Computer exercise in CellProfiler & CellProfiler Analyst, 111129
Carolina Wählby, [email protected] & Martin Simonsson, [email protected]
Starting software and download images
CellProfiler and CellProfilerAnalyst can be downloaded from www.cellprofiler.org. This webpage
also provides tutorials, examples and forum where you can find answers questions you may have
and get help. However, for this exercise the programs have already been installed on your computer,
and can be found on ‘Gemensamt on 'IT-Pclab' (G:) → Program’.
Download sample images and a description of experimental parameters from
http://www.cb.uu.se/~carolina/TranslocationData.zip
Scenario
In this experiment we have human osteosarcoma cells where a ‘forkhead’-protein has been labeled
with GFP (a green fluorescing protein). We know that 150nM of a positive control drug causes the
cells to transport the protein from the cytoplasm to the nucleus, but we do not know the lowest
possible dose to see this effect. We also want to optimize the image analysis to separate positive
(treated with 150nM drug) and negative controls (untreated) as well as possible. The optimal goal of
developing this type of image based screens is to use it to search for other, previously unknown
drugs that have the same effect on the cell level, and may be of use for treatment of patients
(possibly with less side effects than the known drug).
Challenge
Analyze how cells respond to treatment with a drug. In this case how a protein is translocated from
one subcellular compartment to another.
Material
Your images originate from a ’96-well plate’, but you will work with a subset of 26 images with the
following setup: 8 wells untreated (negative control) and 8 wells were treated with the maximum
dose of 150nM (positive control). 10 wells were used to create a gradient with increasing
concentration of the drug. You will also use a simple text file called
‘Translocation_doses_n_controls.csv’ containing information about where on the 96-well plate the
wells were located and how the cells were treated.
Methods
Using Cellprofiler and CellProfiler Analyst, your job is to outline (segment) each cell and
cytoplasm and extract a number of measurements from each cell. You have a total of 26 images and
approximately 200 cells per image, so you want to automate the process. The first task is to set up a
CellProfiler ‘pipeline’ consisting of a number of ‘modules’ and then test the pipeline on a few
images. You will thereafter run it automatically on all the images in the experiment. Once you have
extracted information from the images and stored them in a database you will use Cellprofiler
Analyst to visualize your data and to train a classifier to distinguish between treated and untreated
cells.
CellProfiler
Select Input and Output folder
Unzip TranslocationData.zip. Start CellProfiler and set the ‘Default Input Folder’ to the folder
where you placed your images. The names of your images should now appear in the bottom left
square of the CellProfiler interface. Double-click on a few of the images to see what they look like.
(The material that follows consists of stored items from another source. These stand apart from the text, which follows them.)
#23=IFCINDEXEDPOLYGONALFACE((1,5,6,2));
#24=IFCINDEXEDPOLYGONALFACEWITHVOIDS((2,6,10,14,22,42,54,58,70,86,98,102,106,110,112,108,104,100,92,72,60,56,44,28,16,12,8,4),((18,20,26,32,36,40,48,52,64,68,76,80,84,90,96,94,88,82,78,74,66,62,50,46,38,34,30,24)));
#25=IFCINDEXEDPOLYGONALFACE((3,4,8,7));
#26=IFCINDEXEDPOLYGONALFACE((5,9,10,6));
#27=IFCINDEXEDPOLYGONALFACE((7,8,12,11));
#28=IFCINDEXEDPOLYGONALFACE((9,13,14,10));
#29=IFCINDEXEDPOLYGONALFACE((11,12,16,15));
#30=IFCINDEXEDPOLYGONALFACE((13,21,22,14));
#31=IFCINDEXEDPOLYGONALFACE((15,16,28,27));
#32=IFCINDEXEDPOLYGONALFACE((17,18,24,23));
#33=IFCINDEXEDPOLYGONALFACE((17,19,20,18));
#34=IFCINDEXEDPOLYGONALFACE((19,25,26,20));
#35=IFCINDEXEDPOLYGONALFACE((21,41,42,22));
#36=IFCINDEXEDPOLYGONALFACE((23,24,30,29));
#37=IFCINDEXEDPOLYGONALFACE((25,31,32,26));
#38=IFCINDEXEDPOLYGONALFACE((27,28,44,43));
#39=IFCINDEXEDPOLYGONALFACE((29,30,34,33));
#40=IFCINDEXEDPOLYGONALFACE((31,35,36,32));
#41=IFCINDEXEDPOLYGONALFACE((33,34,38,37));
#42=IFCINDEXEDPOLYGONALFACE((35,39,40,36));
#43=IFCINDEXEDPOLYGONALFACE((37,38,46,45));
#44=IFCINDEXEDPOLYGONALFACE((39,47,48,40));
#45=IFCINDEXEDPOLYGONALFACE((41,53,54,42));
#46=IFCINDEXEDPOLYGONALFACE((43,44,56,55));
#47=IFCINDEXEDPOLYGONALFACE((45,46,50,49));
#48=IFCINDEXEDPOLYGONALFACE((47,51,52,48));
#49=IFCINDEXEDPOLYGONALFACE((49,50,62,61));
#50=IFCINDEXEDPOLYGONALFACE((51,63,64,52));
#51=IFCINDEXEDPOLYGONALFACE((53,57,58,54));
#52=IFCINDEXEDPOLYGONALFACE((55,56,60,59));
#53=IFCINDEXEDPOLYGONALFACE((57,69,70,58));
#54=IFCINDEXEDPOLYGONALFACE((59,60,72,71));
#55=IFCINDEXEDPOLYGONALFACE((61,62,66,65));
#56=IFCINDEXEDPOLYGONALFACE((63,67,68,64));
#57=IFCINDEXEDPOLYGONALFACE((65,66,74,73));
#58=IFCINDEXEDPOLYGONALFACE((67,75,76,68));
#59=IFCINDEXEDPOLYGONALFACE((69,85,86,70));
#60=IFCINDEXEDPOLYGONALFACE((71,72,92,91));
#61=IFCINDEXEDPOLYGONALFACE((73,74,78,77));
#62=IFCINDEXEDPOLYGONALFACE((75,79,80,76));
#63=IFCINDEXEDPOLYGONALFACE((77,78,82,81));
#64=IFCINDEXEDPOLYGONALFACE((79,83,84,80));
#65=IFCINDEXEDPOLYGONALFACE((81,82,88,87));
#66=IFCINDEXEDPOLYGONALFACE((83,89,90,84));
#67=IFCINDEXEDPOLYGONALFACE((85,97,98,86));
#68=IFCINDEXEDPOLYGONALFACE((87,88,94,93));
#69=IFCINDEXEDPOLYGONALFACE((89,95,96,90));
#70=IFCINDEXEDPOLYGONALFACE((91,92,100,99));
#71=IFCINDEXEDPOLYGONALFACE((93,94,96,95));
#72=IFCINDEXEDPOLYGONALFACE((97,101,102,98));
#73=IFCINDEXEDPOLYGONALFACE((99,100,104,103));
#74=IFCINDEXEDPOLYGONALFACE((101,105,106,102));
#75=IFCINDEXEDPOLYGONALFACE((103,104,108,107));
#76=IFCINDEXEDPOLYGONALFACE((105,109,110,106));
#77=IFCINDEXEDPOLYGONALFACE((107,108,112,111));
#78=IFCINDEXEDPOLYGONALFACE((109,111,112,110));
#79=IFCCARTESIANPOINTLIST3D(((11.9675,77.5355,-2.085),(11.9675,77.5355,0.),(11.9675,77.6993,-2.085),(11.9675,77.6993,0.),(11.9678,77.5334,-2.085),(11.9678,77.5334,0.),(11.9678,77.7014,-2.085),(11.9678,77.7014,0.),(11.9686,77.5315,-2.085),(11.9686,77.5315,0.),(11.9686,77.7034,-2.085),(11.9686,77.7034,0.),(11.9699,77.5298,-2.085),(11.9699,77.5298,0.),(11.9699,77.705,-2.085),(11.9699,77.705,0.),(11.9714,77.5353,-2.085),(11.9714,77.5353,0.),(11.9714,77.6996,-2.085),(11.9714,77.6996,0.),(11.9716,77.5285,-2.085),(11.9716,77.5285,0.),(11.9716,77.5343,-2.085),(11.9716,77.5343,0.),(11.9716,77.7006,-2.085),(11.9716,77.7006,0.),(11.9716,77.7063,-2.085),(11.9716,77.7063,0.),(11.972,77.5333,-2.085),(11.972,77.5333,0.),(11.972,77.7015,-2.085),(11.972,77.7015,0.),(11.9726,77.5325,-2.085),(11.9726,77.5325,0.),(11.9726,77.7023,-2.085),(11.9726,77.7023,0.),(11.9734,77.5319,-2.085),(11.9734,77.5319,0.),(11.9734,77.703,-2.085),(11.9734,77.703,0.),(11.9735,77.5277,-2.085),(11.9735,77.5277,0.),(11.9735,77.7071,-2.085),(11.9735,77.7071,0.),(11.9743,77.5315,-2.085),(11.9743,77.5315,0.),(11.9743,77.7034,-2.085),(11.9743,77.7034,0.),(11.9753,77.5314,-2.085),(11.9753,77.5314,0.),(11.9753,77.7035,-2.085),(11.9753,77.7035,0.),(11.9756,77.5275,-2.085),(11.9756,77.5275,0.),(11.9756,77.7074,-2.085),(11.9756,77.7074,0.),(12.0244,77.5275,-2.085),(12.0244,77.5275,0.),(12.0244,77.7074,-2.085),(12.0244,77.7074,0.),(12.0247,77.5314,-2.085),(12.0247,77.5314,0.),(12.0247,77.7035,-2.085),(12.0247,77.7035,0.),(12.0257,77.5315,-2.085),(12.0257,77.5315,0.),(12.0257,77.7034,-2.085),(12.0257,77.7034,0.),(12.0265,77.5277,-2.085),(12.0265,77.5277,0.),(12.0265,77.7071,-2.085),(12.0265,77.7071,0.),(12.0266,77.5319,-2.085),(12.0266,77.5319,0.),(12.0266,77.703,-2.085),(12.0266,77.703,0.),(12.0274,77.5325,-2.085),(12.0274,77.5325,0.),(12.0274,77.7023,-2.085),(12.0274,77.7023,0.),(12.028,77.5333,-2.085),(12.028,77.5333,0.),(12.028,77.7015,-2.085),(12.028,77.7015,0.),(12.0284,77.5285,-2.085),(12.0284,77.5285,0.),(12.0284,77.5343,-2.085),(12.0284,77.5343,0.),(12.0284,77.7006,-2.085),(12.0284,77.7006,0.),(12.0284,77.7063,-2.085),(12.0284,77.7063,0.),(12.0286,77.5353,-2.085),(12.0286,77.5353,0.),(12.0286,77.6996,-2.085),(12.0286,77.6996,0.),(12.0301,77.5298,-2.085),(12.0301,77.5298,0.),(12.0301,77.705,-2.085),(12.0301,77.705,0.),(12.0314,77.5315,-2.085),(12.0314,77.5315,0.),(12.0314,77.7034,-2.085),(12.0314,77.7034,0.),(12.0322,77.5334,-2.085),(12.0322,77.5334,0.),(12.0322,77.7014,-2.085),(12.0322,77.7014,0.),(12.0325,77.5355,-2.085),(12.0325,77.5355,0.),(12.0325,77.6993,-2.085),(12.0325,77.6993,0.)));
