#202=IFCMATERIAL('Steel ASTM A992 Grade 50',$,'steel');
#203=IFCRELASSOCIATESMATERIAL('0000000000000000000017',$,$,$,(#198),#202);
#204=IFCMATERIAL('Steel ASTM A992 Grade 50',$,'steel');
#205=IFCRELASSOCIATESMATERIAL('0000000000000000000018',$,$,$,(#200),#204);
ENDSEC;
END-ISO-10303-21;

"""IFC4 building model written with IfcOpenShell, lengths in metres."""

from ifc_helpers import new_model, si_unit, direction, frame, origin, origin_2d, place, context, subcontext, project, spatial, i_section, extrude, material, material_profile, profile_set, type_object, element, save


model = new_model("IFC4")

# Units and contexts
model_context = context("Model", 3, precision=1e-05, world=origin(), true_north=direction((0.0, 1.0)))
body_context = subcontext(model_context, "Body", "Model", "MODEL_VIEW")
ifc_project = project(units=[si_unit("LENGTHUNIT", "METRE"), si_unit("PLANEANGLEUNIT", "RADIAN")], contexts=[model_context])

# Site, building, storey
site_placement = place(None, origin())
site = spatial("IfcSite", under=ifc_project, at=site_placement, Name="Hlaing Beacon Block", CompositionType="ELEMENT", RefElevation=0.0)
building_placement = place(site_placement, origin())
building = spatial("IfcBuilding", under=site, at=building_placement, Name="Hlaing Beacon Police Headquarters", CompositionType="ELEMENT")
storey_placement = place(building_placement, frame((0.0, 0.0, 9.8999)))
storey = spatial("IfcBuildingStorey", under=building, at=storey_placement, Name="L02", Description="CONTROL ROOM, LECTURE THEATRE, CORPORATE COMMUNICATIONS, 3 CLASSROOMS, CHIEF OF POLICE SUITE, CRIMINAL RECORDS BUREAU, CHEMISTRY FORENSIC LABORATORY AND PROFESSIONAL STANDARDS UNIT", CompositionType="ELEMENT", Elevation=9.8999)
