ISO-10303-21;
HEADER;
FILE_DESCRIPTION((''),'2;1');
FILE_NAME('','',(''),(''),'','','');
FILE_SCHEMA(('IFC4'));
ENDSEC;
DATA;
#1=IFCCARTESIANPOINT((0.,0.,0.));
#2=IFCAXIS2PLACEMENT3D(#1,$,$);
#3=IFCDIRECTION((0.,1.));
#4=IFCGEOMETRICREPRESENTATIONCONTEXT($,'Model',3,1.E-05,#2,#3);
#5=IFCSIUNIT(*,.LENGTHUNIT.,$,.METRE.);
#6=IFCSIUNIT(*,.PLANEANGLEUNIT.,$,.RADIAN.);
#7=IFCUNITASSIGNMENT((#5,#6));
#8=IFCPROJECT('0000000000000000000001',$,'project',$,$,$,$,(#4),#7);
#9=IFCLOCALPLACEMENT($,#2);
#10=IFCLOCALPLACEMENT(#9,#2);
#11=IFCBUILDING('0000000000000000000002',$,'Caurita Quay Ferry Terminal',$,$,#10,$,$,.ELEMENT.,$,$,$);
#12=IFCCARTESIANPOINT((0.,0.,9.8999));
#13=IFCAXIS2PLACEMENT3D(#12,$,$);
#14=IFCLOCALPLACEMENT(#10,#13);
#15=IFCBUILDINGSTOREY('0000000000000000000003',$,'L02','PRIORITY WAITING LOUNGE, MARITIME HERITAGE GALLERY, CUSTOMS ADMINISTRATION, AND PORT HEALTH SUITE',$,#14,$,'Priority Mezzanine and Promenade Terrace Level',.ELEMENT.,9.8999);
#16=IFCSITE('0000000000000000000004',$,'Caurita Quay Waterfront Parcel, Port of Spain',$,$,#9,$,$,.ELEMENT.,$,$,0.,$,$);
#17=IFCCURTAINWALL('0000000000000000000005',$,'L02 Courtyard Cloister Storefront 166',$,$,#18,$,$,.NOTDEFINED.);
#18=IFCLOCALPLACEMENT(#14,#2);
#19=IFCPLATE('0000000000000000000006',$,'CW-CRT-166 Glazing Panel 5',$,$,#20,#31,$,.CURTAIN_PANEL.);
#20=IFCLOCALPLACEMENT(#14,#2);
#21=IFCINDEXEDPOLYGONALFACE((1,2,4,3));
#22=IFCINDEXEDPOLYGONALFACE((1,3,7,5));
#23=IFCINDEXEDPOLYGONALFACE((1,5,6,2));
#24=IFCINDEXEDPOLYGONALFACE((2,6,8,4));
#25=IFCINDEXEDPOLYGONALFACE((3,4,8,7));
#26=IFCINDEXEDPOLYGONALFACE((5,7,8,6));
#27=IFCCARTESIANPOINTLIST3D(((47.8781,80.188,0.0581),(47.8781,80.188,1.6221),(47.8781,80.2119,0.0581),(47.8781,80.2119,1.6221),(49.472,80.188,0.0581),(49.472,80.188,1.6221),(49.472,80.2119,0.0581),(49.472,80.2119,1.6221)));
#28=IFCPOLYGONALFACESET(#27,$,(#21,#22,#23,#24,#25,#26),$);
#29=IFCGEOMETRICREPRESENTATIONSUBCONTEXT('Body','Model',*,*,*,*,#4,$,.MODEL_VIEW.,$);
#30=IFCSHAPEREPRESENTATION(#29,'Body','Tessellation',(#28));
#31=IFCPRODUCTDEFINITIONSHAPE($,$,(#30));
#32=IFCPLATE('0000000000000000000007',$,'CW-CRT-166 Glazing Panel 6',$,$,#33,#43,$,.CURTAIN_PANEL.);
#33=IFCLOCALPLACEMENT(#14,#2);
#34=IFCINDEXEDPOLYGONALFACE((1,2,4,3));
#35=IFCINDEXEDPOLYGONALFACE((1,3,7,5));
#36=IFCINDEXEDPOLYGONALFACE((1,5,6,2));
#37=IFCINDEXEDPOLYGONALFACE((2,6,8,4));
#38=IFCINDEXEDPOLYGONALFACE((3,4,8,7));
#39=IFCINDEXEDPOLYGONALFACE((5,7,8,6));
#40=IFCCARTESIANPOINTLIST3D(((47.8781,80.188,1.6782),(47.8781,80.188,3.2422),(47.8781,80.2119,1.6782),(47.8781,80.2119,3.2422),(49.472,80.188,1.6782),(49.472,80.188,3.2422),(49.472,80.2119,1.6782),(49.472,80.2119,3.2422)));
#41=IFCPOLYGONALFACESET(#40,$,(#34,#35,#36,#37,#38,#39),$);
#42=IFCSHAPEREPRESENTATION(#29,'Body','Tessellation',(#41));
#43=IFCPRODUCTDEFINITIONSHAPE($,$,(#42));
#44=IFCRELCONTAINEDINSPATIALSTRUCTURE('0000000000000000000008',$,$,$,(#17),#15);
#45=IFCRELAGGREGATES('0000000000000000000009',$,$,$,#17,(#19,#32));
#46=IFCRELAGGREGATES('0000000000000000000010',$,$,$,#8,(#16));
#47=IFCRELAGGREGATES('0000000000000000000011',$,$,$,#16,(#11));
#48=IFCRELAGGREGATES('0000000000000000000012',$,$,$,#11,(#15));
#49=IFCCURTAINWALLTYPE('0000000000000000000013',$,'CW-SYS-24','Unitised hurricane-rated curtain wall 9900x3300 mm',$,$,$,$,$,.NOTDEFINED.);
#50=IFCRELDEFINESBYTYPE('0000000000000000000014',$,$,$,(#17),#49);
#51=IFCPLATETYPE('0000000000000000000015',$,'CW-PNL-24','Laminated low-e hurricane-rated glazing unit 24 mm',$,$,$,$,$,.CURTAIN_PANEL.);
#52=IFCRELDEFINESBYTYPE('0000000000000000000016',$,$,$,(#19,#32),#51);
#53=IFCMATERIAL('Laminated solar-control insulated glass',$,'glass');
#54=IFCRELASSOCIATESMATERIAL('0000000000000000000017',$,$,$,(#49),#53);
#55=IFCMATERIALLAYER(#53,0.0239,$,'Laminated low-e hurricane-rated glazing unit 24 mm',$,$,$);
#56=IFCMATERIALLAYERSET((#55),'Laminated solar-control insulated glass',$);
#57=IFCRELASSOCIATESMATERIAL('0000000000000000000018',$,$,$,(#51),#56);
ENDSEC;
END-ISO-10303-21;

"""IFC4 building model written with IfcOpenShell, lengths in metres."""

from ifc_helpers import new_model, si_unit, direction, frame, origin, origin_2d, place, context, subcontext, project, spatial, rectangle, extrude, material, layer, layer_set, type_object, element, aggregate, save


model = new_model("IFC4")

# Units and contexts
model_context = context("Model", 3, precision=1e-05, world=origin(), true_north=direction((0.0, 1.0)))
body_context = subcontext(model_context, "Body", "Model", "MODEL_VIEW")
ifc_project = project(units=[si_unit("LENGTHUNIT", "METRE"), si_unit("PLANEANGLEUNIT", "RADIAN")], contexts=[model_context])

# Site, building, storey
site_placement = place(None, origin())
site = spatial("IfcSite", under=ifc_project, at=site_placement, Name="Caurita Quay Waterfront Parcel, Port of Spain", CompositionType="ELEMENT", RefElevation=0.0)
building_placement = place(site_placement, origin())
building = spatial("IfcBuilding", under=site, at=building_placement, Name="Caurita Quay Ferry Terminal", CompositionType="ELEMENT")
storey_placement = place(building_placement, frame((0.0, 0.0, 9.8999)))
storey = spatial("IfcBuildingStorey", under=building, at=storey_placement, Name="L02", Description="PRIORITY WAITING LOUNGE, MARITIME HERITAGE GALLERY, CUSTOMS ADMINISTRATION, AND PORT HEALTH SUITE", LongName="Priority Mezzanine and Promenade Terrace Level", CompositionType="ELEMENT", Elevation=9.8999)

# Curtain wall, plates
ifc_material_1 = material(Name="Laminated solar-control insulated glass", Category="glass")
curtain_wall_type = type_object("IfcCurtainWallType", Name="CW-SYS-24", Description="Unitised hurricane-rated curtain wall 9900x3300 mm", PredefinedType="NOTDEFINED", material=ifc_material_1)
curtain_wall_placement = place(storey_placement, origin())
curtain_wall = element("IfcCurtainWall", 1, at=curtain_wall_placement, inside=storey, type_object=curtain_wall_type, Name="L02 Courtyard Cloister Storefront 166", PredefinedType="NOTDEFINED")
ifc_layer = layer(ifc_material_1, 0.0239, Name="Laminated low-e hurricane-rated glazing unit 24 mm")
ifc_layer_set = layer_set([ifc_layer], Name="Laminated solar-control insulated glass")
plate_type = type_object("IfcPlateType", Name="CW-PNL-24", Description="Laminated low-e hurricane-rated glazing unit 24 mm", PredefinedType="CURTAIN_PANEL", material=ifc_layer_set)
plate_1_placement = place(storey_placement, frame((48.675, 80.2, 0.0581), z_axis=(0.0, 0.0, 1.0), x_axis=(1.0, 0.0, 0.0)))
plate_1 = element("IfcPlate", 2, at=plate_1_placement, type_object=plate_type, Name="CW-CRT-166 Glazing Panel 5", PredefinedType="CURTAIN_PANEL", context=body_context, shape_type="SweptSolid", body=[
    extrude(rectangle(XDim=1.594, YDim=0.0239, at=origin_2d()), origin(), (0.0, 0.0, 1.0), 1.564),
])
plate_2_placement = place(storey_placement, frame((48.675, 80.2, 1.6782), z_axis=(0.0, 0.0, 1.0), x_axis=(1.0, 0.0, 0.0)))
plate_2 = element("IfcPlate", 3, at=plate_2_placement, type_object=plate_type, Name="CW-CRT-166 Glazing Panel 6", PredefinedType="CURTAIN_PANEL", context=body_context, shape_type="SweptSolid", body=[
    extrude(rectangle(XDim=1.594, YDim=0.0239, at=origin_2d()), origin(), (0.0, 0.0, 1.0), 1.564),
])
aggregate(curtain_wall, [plate_1, plate_2])

save(model, "model.ifc")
Set ‘Default Output folder’ to the same folder as the input folder. This is where your
measurements will be saved.
Load images and associated data
Click on ‘+’ to add your fist module to the pipeline. Click on ‘File Processing’ and you can select
either ‘LoadImages’ or ‘LoadData’. Today we will use ‘LoadData’ as this allows us to load the
information about the drug dose together with the image data, which makes analysis of results
easier. Then click ‘+ Add to Pipeline’. In the module adjustment window, click on the folder next
to ‘Name of the file’ to select ‘Translocation_doses_n_controls.csv’ which is your file describing
image names and doses. Click ‘View’ to see what the file looks like.
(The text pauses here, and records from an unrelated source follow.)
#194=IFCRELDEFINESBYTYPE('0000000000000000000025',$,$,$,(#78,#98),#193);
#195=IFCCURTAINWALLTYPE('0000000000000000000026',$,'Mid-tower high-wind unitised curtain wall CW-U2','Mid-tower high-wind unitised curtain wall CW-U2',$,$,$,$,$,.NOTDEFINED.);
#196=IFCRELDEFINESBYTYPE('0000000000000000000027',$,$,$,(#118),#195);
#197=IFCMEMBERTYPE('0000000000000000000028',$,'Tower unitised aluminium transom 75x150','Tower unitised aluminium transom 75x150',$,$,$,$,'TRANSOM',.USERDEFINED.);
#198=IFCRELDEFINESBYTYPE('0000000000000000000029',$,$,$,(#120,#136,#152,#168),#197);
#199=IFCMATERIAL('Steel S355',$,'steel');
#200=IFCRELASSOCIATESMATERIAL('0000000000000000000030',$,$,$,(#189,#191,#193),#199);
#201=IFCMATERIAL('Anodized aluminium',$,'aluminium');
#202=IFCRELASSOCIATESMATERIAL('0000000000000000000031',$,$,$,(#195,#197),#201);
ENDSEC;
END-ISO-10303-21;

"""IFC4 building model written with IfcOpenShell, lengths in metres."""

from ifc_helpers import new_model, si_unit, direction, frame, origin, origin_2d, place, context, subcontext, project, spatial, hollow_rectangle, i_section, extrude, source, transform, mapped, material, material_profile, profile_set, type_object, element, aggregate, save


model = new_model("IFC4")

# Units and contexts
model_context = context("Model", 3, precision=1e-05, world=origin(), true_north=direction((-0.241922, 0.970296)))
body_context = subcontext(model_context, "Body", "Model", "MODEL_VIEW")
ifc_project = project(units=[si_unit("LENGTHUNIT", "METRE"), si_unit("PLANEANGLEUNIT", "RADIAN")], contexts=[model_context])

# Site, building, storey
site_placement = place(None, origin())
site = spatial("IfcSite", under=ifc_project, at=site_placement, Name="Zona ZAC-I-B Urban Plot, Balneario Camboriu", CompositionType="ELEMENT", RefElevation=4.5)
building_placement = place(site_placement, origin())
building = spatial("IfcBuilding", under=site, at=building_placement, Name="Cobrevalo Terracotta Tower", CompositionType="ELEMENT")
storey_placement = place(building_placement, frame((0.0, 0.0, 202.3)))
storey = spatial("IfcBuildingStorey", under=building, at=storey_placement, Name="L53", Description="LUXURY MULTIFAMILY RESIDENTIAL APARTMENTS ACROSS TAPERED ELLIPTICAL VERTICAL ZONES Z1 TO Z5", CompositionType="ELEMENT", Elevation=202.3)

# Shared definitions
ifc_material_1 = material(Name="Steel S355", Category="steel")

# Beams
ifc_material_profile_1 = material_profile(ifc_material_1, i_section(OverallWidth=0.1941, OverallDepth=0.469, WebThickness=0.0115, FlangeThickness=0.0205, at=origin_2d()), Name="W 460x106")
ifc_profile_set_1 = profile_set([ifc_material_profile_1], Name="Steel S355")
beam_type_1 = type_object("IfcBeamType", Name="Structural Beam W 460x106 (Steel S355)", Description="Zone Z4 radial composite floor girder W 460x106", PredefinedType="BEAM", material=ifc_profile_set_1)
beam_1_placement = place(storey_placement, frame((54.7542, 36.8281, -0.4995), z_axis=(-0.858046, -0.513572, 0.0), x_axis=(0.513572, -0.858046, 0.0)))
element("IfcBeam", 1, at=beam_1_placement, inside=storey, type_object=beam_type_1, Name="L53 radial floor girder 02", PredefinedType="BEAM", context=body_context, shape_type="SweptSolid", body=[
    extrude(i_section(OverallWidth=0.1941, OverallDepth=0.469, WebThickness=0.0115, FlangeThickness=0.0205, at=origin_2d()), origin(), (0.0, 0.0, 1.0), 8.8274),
Identify primary objects – the Nuclei
To keep things simple, we skip the pre-processing for now. Instead we want to find our primary
objects: the cell nuclei. Again, click on ‘+’ to add the module ‘IdentifyPrimaryObjects’, located
under module category ‘Object Processing’. Then click ‘+ Add to Pipeline’. Now adjust the
settings. At ‘Select the input image’ chose ‘rawDNA’ from the drop-down-list. We choose a
descriptive name for our primary objects - ‘Nuclei’, so we can refer to them in later steps, and enter
the name at ‘Name the primary objects to be identified’. Before making adjustment to other
parameters, we want to be able to test. Go to the top menu and select ‘Test’ and ‘Start test run’. A
pointer appears next to the modules in the pipeline. Then click on ‘Step’ below the pipeline to go
through each step. The first step is the module ‘LoadData’. A result window should pop up with a
list of the loaded files. Then click on ‘Step’ again to test the module ‘IdentifyPrimaryObjects’. A
result window should pop up with three images: the Original image, the segmented Nuclei and the
Nuclei outlines:
Examine the results
Use the ‘Zoom-tool’ to select an area to examine more closely. You can make the selection in any
of the three images. You can zoom in more by reapplying the ‘Zoom-tool’. You can use the ‘Pantool’ to move around the image. The ‘Back-arrow’ and ‘Forward-arrow’ allows you undo or redo
zooms and movements. If you get lost you can always press the ‘Home-button’.
In the Nuclei image each color represents a separate object. When two objects are touching, but
identified as separate, the objects will appear as distinct colors. In the Nuclei outlines image green
outlines highlight valid objects, yellow indicates invalid object touching the image border and red
invalid object based on size criterion.
Improve identification of primary objects
You may try adjusting settings in the module to try to improve the result. You want the outlines to
match the nuclei boundaries, and to separate touching objects while at the same time not split a
nucleus into separate object. For example, the automated thresholding algorithm finds a threshold
that includes a bit too much background. At ‘Select the thresholding method’ change to ‘MoG
Global’ from the drop-down-list and set the ‘Approximate fraction of image covered by objects’
to 0.2 to get a more exact outline. Click on ‘Step’ again to see the result from your new settings.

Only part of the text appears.